The initial motivation is providing fast, inline paths for memset and
memcpy with a dynamic size when that size happens to be small. Because
LLVM is *very* good at forming memset and memcpy out of raw loops and
many other constructs, it is especially important that these remain fast
even when used in circumstances where the library function call overhead
is unacceptably large.
The first attempt at addressing this was D35750, but that proved to only
exacerbate the issue rather than fixing it.
It turns out, at least for x86, we can emit a very minimal loop behind
a dynamic test on the size and dramatically improve the performance of
sizes that happen to be small.
To make all of this work *well* requires a lot of careful logic:
- We need to analyze and discover scaling of the size fed to memset and memcpy.
- We can't widen past the alignment.
- We need to emit any loop with *exactly* the right IR to get efficient lowering from the backend.
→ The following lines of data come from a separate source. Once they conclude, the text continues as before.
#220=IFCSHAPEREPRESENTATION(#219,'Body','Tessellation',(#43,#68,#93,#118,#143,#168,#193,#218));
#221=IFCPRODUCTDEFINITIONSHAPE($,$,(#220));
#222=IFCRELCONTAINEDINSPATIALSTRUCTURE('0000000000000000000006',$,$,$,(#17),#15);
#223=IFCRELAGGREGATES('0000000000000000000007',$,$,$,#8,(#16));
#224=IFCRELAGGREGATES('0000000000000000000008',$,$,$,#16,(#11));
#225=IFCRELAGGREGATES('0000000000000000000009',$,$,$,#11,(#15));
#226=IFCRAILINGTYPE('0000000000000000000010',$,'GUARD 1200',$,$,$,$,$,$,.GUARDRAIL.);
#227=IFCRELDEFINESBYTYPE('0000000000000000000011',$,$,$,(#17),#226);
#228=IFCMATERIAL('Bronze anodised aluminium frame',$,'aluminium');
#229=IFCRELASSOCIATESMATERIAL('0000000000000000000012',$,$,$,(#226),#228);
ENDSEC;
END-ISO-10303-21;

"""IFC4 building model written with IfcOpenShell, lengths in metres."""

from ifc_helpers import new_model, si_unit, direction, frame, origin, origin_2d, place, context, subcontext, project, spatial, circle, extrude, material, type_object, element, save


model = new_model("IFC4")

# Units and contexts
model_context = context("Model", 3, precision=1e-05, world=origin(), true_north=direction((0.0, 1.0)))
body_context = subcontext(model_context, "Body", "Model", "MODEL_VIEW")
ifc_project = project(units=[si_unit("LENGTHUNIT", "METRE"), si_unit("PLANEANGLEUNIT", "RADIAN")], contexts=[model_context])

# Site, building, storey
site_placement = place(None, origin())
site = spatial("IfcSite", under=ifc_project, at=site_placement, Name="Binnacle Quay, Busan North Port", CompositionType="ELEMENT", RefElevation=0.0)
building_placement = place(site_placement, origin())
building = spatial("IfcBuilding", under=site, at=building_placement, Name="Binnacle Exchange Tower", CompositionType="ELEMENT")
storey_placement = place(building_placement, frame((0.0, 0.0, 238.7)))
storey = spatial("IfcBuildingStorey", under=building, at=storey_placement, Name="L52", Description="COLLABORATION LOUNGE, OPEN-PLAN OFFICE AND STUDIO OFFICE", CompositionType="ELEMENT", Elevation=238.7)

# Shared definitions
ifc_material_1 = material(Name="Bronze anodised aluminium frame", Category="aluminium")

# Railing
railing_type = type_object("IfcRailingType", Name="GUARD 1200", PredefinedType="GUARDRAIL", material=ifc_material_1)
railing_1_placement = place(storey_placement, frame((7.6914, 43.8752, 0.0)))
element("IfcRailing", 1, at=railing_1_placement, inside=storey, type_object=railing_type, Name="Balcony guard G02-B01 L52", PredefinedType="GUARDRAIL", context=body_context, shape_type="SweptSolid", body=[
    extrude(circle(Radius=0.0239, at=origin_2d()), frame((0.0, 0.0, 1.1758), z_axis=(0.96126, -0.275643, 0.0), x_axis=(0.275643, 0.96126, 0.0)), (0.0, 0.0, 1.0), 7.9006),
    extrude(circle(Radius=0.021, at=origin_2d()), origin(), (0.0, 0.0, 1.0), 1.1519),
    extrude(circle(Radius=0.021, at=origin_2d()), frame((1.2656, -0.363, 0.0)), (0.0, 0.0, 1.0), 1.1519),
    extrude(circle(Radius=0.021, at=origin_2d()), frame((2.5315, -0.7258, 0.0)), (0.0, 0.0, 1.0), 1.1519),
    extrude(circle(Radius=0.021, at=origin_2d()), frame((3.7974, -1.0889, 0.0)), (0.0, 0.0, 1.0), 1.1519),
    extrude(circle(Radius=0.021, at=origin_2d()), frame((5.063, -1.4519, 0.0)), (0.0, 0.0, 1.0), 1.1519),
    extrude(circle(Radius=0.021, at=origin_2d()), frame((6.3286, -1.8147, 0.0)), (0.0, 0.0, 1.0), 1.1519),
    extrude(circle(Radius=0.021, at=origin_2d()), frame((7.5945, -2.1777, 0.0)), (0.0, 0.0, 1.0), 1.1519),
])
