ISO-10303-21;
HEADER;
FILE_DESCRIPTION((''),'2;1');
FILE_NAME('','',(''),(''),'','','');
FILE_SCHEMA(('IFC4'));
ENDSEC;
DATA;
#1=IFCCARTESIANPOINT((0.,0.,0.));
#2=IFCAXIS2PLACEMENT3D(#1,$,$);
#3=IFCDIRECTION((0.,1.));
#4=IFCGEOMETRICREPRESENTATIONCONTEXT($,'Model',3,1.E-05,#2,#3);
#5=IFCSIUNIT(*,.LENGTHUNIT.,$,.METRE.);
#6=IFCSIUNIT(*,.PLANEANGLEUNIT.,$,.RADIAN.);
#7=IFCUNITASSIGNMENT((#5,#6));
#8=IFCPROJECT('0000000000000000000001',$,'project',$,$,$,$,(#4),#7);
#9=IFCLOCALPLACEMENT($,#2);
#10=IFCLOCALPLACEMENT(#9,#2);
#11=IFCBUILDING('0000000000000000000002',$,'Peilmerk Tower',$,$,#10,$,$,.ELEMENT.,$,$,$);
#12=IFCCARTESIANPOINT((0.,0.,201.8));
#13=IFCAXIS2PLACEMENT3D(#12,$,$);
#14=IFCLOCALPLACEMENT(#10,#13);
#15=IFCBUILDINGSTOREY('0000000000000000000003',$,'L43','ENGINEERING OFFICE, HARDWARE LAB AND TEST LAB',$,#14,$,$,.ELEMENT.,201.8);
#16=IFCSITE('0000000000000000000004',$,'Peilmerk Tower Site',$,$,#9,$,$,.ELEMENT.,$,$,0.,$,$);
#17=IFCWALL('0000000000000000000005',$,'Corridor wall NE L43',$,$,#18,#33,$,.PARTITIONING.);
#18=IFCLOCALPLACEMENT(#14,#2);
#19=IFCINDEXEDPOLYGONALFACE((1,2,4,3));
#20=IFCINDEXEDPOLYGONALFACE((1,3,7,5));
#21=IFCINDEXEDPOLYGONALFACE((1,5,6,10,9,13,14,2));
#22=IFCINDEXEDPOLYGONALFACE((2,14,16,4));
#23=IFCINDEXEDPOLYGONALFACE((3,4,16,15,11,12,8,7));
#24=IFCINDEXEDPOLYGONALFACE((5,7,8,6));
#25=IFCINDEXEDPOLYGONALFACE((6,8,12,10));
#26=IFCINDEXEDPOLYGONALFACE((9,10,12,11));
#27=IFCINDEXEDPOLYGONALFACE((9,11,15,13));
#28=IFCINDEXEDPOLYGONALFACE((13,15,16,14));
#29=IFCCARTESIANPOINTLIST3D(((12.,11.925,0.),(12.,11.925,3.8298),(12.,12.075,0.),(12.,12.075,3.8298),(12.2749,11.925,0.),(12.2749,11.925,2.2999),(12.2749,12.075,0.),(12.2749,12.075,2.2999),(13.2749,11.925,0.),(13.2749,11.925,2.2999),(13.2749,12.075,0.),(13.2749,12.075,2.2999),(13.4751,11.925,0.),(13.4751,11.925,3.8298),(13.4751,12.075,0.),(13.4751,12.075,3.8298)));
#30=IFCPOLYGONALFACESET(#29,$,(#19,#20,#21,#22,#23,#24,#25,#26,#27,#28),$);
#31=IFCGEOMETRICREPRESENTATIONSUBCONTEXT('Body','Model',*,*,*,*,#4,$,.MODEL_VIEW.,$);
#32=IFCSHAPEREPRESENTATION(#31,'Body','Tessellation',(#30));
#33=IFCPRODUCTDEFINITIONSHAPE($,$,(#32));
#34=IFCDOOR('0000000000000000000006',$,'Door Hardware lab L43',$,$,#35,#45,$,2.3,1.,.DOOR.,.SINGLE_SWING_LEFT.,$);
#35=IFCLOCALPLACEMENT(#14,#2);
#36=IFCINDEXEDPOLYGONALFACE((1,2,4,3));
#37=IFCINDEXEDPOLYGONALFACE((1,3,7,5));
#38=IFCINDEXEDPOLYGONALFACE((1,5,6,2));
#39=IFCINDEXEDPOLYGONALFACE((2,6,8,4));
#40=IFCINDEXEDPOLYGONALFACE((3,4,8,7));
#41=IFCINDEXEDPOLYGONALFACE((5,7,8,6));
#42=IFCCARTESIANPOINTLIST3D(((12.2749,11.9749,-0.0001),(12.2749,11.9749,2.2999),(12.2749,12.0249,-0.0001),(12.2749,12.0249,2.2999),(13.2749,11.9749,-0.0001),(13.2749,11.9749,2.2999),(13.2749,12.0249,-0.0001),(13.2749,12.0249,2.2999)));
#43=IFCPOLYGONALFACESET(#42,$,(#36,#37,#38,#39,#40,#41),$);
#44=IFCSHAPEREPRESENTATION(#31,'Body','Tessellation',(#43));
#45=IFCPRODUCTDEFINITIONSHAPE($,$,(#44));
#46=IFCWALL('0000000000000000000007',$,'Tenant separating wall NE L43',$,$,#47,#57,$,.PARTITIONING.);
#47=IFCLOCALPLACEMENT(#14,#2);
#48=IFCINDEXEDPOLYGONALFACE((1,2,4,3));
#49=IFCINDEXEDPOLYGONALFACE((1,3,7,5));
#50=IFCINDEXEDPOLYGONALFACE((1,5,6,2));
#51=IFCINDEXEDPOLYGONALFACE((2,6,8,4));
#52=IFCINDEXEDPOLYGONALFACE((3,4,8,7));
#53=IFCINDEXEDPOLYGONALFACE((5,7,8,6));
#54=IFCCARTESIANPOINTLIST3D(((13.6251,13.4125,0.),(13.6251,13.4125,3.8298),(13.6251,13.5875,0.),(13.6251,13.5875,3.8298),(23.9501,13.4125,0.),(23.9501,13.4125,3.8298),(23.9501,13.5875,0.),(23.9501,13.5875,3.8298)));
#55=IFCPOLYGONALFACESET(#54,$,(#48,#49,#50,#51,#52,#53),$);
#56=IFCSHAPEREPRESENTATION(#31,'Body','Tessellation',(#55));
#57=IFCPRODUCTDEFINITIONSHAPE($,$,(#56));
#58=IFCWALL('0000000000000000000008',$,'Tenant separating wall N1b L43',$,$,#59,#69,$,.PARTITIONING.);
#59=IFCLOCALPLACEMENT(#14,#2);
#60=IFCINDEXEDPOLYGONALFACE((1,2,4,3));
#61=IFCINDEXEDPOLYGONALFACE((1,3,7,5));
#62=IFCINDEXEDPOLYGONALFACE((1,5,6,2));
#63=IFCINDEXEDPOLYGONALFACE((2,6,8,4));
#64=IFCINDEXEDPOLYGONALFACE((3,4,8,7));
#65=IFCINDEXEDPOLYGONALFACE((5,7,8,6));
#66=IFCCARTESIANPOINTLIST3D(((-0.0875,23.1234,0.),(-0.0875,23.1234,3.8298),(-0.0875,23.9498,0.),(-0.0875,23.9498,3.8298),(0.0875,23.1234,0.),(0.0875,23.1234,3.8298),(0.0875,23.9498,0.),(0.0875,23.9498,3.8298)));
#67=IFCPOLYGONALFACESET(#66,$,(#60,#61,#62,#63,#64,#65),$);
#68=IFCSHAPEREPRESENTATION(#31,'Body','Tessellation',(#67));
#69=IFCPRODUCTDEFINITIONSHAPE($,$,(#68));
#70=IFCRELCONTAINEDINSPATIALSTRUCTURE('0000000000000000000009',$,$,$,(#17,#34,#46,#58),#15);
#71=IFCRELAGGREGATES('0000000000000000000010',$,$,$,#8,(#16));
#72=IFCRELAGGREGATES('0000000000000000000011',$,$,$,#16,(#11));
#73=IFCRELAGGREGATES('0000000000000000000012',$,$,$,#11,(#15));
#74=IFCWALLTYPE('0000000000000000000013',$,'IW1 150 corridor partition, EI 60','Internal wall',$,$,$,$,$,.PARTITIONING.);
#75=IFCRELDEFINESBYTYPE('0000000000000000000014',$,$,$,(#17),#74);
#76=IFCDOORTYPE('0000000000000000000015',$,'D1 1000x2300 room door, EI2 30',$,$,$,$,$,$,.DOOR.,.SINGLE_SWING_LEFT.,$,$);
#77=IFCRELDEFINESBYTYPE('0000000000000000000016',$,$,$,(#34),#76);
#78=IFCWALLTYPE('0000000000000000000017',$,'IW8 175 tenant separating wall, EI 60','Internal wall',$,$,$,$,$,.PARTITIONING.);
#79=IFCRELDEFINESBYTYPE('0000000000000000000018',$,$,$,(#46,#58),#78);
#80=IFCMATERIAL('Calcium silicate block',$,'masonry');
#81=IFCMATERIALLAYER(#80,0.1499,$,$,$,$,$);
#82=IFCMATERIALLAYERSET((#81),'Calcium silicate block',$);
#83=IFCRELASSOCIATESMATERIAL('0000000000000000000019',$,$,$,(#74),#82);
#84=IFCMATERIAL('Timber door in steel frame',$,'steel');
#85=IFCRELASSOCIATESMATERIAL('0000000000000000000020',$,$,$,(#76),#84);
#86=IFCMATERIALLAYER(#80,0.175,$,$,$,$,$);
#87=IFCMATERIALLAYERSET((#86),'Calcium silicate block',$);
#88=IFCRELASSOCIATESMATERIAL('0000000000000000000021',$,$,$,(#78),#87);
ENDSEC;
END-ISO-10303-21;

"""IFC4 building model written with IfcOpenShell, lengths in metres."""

from ifc_helpers import new_model, si_unit, direction, frame, frame_2d, origin, place, context, subcontext, project, spatial, rectangle, extrude, material, layer, layer_set, type_object, element, fill, save


model = new_model("IFC4")

# Units and contexts
model_context = context("Model", 3, precision=1e-05, world=origin(), true_north=direction((0.0, 1.0)))
body_context = subcontext(model_context, "Body", "Model", "MODEL_VIEW")
ifc_project = project(units=[si_unit("LENGTHUNIT", "METRE"), si_unit("PLANEANGLEUNIT", "RADIAN")], contexts=[model_context])

# Site, building, storey
site_placement = place(None, origin())
site = spatial("IfcSite", under=ifc_project, at=site_placement, Name="Peilmerk Tower Site", CompositionType="ELEMENT", RefElevation=0.0)
building_placement = place(site_placement, origin())
building = spatial("IfcBuilding", under=site, at=building_placement, Name="Peilmerk Tower", CompositionType="ELEMENT")
storey_placement = place(building_placement, frame((0.0, 0.0, 201.8)))
storey = spatial("IfcBuildingStorey", under=building, at=storey_placement, Name="L43", Description="ENGINEERING OFFICE, HARDWARE LAB AND TEST LAB", CompositionType="ELEMENT", Elevation=201.8)

# Wall, opening, door
ifc_material_1 = material(Name="Calcium silicate block", Category="masonry")
ifc_layer_1 = layer(ifc_material_1, 0.1499)
ifc_layer_set_1 = layer_set([ifc_layer_1], Name="Calcium silicate block")
wall_type_1 = type_object("IfcWallType", Name="IW1 150 corridor partition, EI 60", Description="Internal wall", PredefinedType="PARTITIONING", material=ifc_layer_set_1)
wall_1_placement = place(storey_placement, frame((12.0, 12.0, 0.0), z_axis=(0.0, 0.0, 1.0), x_axis=(1.0, 0.0, 0.0)))
wall_1 = element("IfcWall", 1, at=wall_1_placement, inside=storey, type_object=wall_type_1, Name="Corridor wall NE L43", PredefinedType="PARTITIONING", context=body_context, shape_type="SweptSolid", body=[
    extrude(rectangle(XDim=1.4751, YDim=0.1499, at=frame_2d((0.7375, 0.0))), origin(), (0.0, 0.0, 1.0), 3.8298),
])
opening_placement = place(wall_1_placement, frame((0.2749, 0.0, 0.0)))
opening = element("IfcOpeningElement", 2, at=opening_placement, cuts=wall_1, PredefinedType="OPENING", context=body_context, shape_type="SweptSolid", body=[
    extrude(rectangle(XDim=1.0, YDim=2.3, at=frame_2d((0.5, 1.1499))), frame((0.0, 0.085, 0.0), z_axis=(0.0, -1.0, 0.0), x_axis=(1.0, 0.0, 0.0)), (0.0, 0.0, 1.0), 0.1699),
])
ifc_material_2 = material(Name="Timber door in steel frame", Category="steel")
door_type = type_object("IfcDoorType", Name="D1 1000x2300 room door, EI2 30", OperationType="SINGLE_SWING_LEFT", PredefinedType="DOOR", material=ifc_material_2)
door_placement = place(opening_placement, origin())
door = element("IfcDoor", 3, at=door_placement, inside=storey, type_object=door_type, Name="Door Hardware lab L43", OperationType="SINGLE_SWING_LEFT", OverallHeight=2.3, OverallWidth=1.0, PredefinedType="DOOR", context=body_context, shape_type="SweptSolid", body=[
    extrude(rectangle(XDim=1.0, YDim=2.3, at=frame_2d((0.5, 1.1499))), frame((0.0, 0.0249, 0.0), z_axis=(0.0, -1.0, 0.0), x_axis=(1.0, 0.0, 0.0)), (0.0, 0.0, 1.0), 0.05),
])
fill(opening, door)

# Walls
ifc_layer_2 = layer(ifc_material_1, 0.175)
ifc_layer_set_2 = layer_set([ifc_layer_2], Name="Calcium silicate block")
wall_type_2 = type_object("IfcWallType", Name="IW8 175 tenant separating wall, EI 60", Description="Internal wall", PredefinedType="PARTITIONING", material=ifc_layer_set_2)
wall_2_placement = place(storey_placement, frame((13.625, 13.5, 0.0), z_axis=(0.0, 0.0, 1.0), x_axis=(1.0, 0.0, 0.0)))
element("IfcWall", 4, at=wall_2_placement, inside=storey, type_object=wall_type_2, Name="Tenant separating wall NE L43", PredefinedType="PARTITIONING", context=body_context, shape_type="SweptSolid", body=[
    extrude(rectangle(XDim=10.325, YDim=0.175, at=frame_2d((5.1626, 0.0))), origin(), (0.0, 0.0, 1.0), 3.8298),
])
wall_3_placement = place(storey_placement, frame((0.0, 23.1235, 0.0), z_axis=(0.0, 0.0, 1.0), x_axis=(0.0, 1.0, 0.0)))
element("IfcWall", 5, at=wall_3_placement, inside=storey, type_object=wall_type_2, Name="Tenant separating wall N1b L43", PredefinedType="PARTITIONING", context=body_context, shape_type="SweptSolid", body=[
    extrude(rectangle(XDim=0.8264, YDim=0.175, at=frame_2d((0.4131, 0.0))), origin(), (0.0, 0.0, 1.0), 3.8298),
])

save(model, "model.ifc")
- It needs to run quite late to not be perturbed by other passes that try to "optimize" the loop.
- We need to avoid this in optsize and minsize functions.
- We need to generate checks for zero-length operations before the loop. This ends up being an even faster path.
- But we need to not generate *redundant* checks which means adding a mini predicate analysis just to find existing zero checks. It turns out these are incredibly common because so many of these routines are created out of loops which we have already extracted just such a predicate from.
There is still more we should do here such as:
- Don't emit these for cold libcalls.
- Use value profile data (if available) to bias at least the branch weights and potentially the actual sizes.
However, for at least a few benchmarks here that end up hitting this very hard,
I'm seeing between 20% and 50% improvements already. Naturally, I'll be
gathering more data both on performance impact and code size impact, but
I wanted to go ahead and get this out for review.
nit: I find OpByteSize not intuitive. Perhaps DataByteWidth?